I had just that luck late last year, when Moran played a 90-minute set at the Shalin Liu Performance Center in Rockport. On that frigid night, the stage curtains were drawn open behind him to reveal a starkly spectacular view of Rockport harbor. Against that backdrop, Moran played, and talked, and played, and talked some more; every interstitial was jam-packed with stories, personal and otherwise, that built for the audience a foundation of American jazz history, Moran’s passion.

He described the dynamics of the Great Migration that brought millions of Black Americans from the Jim Crow South to the cities of the North, and how jazz had rooted and blossomed in makeshift clubs in cities like Chicago and New York as a consequence. And he cited his own mentors, musical and otherwise, who had shown him that the path he walked stretched out not just in front of him, but far behind, and that history would — had to — live in and through him, and not in music alone.

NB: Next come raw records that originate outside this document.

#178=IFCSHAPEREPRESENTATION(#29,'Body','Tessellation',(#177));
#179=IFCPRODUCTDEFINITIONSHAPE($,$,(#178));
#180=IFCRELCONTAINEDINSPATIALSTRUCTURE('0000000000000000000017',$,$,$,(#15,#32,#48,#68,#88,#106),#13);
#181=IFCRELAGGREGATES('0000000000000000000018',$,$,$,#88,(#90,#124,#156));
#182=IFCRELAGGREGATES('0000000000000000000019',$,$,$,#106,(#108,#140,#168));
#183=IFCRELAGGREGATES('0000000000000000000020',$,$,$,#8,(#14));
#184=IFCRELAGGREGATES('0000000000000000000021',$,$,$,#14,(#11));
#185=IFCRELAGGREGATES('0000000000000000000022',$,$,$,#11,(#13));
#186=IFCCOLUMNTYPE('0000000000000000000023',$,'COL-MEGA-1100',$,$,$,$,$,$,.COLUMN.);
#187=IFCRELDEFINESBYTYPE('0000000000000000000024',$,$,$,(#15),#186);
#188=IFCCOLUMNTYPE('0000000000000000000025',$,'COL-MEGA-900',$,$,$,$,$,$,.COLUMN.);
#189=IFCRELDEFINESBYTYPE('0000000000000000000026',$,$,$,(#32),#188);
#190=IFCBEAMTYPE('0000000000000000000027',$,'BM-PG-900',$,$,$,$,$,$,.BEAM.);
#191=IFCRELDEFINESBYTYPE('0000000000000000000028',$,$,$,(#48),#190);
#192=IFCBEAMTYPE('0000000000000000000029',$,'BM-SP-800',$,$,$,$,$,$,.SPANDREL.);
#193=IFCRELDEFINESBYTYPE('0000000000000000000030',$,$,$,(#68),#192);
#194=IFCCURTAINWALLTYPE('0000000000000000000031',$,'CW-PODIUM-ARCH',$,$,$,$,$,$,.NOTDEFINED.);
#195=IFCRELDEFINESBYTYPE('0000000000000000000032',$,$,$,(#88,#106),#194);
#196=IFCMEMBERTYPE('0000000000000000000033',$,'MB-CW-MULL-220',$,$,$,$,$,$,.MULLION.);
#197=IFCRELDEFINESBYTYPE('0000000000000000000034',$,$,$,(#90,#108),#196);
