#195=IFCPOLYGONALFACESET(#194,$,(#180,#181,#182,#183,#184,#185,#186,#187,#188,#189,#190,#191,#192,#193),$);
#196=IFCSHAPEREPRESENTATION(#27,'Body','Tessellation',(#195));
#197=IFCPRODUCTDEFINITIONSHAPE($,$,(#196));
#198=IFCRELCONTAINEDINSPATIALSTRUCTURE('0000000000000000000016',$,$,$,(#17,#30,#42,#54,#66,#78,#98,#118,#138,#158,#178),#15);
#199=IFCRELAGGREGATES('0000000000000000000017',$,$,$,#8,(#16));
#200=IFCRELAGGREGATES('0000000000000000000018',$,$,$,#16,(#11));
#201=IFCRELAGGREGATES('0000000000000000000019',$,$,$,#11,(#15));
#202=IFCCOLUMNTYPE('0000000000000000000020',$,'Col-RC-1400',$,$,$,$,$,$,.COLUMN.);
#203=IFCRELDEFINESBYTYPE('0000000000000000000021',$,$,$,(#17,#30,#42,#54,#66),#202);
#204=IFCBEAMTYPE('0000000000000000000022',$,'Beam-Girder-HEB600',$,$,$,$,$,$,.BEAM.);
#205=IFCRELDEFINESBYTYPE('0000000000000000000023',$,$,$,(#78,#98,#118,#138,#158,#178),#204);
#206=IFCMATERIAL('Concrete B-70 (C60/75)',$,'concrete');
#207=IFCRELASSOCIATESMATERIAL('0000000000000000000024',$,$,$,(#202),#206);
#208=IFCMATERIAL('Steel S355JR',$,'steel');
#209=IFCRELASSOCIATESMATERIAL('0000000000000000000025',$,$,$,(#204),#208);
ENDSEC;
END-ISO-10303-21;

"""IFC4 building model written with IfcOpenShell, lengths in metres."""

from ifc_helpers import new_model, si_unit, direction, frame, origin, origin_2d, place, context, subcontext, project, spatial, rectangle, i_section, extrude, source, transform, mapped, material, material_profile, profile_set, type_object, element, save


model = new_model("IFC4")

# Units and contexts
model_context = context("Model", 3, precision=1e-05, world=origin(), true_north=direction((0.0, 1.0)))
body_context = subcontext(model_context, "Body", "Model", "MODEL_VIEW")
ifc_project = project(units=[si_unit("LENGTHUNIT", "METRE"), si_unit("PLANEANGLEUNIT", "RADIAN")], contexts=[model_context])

Every chapter of the story lead to a song, an arrangement, a musical departure; Moran would tell, and then he would show, to my mesmerized pleasure. His delivery, slow and deliberate, warm and sincere, conveyed an easy sense of import — that this mattered. I likened the experience to an education, which it surely was; but were I a spiritual sort, I might have compared it to going to church.

Moran himself isn’t present at Mass MoCA, where “Black Stars: Writing in the Dark,” a new exhibition of his art, opened in late December. But human presence, his and others, is palpable all the same. The show is split between a pair of galleries: The first, with its high ceilings and industrial support columns, is lined with rough, gestural abstract works on paper in deep, elemental shades: Ruddy maroon and ash gray, dark cobalt and coal-black. The second gallery contains a pair of elaborate stage sets, brightly lit but conspicuously vacant, as though awaiting performers perpetually late for their call time.